Steamed Rice (1 Cup, Cooked) and Chicken with Gravy (Mixture) (0.5 Chicken Breast With Gravy)
Lunch
139 mg/dL
avg. peak value
Usually causes a medium spike
Avg. Food Score on Ultrahuman App
Ultrahuman Users got an UNSTABLE response
How to consume Chicken With Gravy (Mixture), Steamed Rice without glucose spikes
Portion Control
Reduce the portion size of both the chicken with gravy and the steamed rice. Smaller portions will help minimize the glucose spike.
Increase Fiber Intake
Add a side of non-starchy vegetables like broccoli, spinach, or leafy greens to your meal. These foods are high in fiber and can help slow down glucose absorption.
Choose Whole Grains
Swap steamed rice for whole grain alternatives such as quinoa or barley. These options typically have a slower impact on blood sugar levels.
Incorporate Healthy Fats
Add a small amount of healthy fats like avocado or nuts to your meal. Healthy fats can help slow digestion and the release of glucose into the bloodstream.
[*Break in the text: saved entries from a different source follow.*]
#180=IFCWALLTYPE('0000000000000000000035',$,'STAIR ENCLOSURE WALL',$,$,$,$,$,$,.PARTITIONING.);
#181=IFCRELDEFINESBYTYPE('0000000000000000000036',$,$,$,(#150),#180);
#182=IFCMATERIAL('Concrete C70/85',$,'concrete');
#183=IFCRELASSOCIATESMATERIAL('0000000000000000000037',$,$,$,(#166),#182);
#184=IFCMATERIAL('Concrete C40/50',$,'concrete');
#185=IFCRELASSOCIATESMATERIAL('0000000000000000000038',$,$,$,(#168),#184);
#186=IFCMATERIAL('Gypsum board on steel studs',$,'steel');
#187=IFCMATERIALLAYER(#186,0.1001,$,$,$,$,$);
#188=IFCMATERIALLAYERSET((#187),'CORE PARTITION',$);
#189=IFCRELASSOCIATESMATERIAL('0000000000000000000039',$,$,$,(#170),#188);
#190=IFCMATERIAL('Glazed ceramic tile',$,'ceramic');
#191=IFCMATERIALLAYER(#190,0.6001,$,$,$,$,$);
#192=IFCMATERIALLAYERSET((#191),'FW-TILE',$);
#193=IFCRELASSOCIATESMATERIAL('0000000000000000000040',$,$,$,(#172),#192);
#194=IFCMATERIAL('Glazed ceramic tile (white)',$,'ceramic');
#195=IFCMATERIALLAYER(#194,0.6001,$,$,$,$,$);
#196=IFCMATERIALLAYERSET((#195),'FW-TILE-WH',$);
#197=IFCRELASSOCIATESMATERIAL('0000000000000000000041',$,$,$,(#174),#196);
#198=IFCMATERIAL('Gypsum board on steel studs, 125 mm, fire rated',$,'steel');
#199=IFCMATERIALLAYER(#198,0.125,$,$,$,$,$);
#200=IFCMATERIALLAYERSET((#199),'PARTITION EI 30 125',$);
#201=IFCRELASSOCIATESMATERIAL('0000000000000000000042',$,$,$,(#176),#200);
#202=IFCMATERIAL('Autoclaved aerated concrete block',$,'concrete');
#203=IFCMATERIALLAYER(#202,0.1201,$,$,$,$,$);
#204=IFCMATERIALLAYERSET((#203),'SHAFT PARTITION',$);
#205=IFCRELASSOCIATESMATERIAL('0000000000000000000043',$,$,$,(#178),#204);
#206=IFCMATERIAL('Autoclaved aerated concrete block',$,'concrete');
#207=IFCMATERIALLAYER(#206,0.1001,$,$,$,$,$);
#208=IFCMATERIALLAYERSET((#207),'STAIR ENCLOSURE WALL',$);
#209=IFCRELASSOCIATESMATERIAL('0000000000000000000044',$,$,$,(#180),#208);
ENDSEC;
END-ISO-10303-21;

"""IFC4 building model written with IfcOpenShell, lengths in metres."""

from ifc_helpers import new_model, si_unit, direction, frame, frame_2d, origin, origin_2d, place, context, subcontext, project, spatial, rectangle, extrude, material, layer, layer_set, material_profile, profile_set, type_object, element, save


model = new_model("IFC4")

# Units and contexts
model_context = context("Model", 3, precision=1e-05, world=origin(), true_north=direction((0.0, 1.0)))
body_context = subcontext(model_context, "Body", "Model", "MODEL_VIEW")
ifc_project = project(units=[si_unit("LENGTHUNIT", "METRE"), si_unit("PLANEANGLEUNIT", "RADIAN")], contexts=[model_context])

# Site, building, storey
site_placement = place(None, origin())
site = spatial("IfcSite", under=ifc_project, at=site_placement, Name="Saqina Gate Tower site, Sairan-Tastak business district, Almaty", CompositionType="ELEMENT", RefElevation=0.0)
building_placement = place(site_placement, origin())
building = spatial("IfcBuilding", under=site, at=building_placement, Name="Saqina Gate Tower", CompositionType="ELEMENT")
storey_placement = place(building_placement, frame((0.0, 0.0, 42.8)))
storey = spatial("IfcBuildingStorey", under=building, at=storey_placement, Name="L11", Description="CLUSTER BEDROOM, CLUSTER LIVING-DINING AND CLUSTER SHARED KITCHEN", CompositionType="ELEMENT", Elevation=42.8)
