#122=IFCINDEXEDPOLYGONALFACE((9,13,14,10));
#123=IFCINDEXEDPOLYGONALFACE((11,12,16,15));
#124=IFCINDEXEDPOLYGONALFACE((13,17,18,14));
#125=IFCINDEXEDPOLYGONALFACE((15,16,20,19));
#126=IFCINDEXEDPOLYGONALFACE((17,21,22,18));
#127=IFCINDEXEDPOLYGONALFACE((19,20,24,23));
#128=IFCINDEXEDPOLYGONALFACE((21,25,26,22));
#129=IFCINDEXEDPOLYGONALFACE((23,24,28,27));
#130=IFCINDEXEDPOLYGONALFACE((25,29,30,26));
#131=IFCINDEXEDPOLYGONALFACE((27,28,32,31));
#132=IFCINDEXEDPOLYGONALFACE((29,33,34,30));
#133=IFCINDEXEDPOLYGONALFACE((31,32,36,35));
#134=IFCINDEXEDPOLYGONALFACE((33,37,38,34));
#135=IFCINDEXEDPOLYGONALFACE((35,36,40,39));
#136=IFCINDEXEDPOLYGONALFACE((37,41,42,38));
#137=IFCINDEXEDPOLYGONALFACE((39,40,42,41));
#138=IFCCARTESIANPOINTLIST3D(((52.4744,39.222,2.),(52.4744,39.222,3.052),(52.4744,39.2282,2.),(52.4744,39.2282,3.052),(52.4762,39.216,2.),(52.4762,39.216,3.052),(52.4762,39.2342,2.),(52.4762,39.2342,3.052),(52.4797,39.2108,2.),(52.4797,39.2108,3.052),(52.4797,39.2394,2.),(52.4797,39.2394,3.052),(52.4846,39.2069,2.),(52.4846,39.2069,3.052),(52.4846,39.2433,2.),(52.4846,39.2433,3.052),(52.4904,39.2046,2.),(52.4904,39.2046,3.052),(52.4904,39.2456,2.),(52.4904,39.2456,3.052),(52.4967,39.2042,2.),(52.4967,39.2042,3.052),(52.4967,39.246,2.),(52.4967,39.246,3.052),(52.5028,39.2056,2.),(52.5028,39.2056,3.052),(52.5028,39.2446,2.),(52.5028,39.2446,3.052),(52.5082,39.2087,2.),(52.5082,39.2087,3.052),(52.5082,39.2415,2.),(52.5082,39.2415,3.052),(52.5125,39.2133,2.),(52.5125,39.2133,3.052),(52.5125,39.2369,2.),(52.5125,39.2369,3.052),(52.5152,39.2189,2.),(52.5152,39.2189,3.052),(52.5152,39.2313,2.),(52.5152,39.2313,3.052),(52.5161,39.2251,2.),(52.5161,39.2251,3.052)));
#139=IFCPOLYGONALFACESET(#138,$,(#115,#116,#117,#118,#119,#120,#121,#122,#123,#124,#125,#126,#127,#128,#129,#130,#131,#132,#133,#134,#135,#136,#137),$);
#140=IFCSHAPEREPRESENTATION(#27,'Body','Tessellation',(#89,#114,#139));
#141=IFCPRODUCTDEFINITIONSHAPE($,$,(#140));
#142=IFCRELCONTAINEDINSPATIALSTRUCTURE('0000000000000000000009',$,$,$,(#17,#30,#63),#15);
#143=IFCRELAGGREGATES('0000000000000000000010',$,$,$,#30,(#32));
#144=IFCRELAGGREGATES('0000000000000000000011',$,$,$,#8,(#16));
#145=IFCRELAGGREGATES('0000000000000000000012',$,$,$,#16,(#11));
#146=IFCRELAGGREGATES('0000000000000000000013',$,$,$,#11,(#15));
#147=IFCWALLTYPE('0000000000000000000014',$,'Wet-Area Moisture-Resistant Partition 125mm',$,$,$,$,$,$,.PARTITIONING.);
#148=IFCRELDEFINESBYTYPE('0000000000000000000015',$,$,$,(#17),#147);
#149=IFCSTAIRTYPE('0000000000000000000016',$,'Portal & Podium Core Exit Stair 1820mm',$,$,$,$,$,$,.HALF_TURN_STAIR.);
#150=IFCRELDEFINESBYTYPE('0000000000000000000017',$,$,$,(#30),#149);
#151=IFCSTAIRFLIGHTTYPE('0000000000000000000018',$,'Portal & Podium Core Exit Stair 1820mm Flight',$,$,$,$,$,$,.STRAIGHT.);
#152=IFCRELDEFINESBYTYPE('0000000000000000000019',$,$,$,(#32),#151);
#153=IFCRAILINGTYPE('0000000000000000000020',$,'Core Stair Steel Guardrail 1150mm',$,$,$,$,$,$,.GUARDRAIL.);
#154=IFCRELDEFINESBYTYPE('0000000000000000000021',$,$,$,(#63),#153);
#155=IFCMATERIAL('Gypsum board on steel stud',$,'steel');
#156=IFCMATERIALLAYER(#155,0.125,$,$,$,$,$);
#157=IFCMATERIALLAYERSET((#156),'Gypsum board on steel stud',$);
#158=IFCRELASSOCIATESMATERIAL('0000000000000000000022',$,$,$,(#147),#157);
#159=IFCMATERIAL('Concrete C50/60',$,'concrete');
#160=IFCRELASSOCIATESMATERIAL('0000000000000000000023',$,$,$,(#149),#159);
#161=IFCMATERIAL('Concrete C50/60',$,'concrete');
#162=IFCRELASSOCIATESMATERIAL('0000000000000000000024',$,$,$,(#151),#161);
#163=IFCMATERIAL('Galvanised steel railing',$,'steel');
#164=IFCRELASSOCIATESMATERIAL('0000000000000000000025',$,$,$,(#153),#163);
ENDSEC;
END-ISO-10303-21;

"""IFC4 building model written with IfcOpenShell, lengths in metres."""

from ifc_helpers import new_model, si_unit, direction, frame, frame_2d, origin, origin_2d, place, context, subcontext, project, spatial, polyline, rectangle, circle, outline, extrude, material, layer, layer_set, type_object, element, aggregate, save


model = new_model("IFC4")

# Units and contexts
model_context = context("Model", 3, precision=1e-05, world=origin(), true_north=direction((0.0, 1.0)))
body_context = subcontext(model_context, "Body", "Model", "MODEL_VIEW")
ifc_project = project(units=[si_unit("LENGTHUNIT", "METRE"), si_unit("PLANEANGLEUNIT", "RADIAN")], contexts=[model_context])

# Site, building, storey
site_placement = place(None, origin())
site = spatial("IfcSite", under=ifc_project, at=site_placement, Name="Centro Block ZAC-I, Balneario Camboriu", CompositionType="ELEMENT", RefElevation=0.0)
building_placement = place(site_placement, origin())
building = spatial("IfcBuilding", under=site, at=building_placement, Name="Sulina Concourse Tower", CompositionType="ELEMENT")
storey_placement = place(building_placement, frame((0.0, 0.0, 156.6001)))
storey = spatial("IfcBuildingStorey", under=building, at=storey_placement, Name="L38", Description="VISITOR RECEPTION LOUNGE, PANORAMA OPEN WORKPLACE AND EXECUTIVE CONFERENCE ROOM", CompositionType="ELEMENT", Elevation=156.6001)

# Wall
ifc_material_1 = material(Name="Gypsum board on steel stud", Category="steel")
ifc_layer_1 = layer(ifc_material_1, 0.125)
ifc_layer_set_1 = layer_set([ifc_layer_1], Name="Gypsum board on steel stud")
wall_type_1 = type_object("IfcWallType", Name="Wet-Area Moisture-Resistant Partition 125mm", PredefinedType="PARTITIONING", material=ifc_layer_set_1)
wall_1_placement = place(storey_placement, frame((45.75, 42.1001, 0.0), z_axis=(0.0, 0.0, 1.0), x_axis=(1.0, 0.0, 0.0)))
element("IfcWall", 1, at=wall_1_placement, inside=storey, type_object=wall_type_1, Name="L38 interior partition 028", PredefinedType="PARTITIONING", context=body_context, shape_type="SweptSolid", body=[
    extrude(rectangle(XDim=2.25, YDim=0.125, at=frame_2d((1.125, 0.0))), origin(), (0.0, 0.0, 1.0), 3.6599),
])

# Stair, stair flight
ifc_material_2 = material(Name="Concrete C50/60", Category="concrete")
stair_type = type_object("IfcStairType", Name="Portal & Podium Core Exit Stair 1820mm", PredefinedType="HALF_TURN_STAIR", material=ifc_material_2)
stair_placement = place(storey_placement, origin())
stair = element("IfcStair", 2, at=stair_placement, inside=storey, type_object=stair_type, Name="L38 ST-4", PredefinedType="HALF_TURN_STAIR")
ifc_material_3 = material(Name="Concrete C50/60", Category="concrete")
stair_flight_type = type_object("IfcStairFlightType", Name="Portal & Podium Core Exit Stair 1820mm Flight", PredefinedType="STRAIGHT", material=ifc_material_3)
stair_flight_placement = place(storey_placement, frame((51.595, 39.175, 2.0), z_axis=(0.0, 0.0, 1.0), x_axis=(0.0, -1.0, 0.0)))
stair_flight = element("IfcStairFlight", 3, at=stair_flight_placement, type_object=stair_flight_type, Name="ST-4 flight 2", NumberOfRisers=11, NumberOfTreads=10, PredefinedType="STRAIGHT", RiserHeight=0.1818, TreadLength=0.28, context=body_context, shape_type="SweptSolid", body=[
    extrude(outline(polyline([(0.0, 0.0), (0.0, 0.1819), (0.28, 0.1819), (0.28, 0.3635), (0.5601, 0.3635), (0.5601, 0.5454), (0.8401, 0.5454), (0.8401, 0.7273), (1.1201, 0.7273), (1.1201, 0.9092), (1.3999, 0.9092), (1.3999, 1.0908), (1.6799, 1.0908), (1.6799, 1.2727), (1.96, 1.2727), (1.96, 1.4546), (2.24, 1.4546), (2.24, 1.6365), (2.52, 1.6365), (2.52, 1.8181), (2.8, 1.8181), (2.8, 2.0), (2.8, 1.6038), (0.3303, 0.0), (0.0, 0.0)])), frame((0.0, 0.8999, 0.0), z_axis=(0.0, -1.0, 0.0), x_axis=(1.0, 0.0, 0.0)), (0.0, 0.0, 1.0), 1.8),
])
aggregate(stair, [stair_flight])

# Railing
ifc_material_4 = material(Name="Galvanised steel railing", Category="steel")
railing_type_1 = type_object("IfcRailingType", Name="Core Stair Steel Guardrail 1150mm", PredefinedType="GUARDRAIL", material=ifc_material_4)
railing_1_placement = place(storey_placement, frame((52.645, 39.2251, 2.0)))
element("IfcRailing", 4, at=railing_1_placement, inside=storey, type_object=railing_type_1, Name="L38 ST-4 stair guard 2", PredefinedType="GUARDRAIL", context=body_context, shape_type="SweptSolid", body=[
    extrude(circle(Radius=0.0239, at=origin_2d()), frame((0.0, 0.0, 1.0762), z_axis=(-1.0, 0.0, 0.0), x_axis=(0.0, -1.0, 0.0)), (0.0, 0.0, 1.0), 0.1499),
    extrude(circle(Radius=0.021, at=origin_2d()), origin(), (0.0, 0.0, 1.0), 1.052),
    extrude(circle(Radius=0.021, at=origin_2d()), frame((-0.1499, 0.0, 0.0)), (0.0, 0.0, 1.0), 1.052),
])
Opt for a Vinegar-based Dressing
If possible, include a salad with a vinegar-based dressing. Vinegar can help moderate blood sugar spikes.
Eat Proteins First
Start your meal with a bite of the chicken or any other protein-rich food. Eating protein first can help slow the rise in blood sugar that follows the consumption of carbohydrates.
Stay Hydrated
Drink plenty of water throughout the meal. Staying hydrated can aid in the digestion process and help maintain stable blood sugar levels.
Mindful Eating
Eat slowly and savor your food. This can help with digestion and give your body time to regulate blood sugar levels more effectively.
Snack on Low-Carb Options
If you need a snack before or after your meal, choose low-carb options like cheese, a handful of nuts, or yogurt with no added sugar.
Regular Physical Activity
Engage in moderate physical activity after your meal, like a short walk, to help your body utilize glucose more efficiently.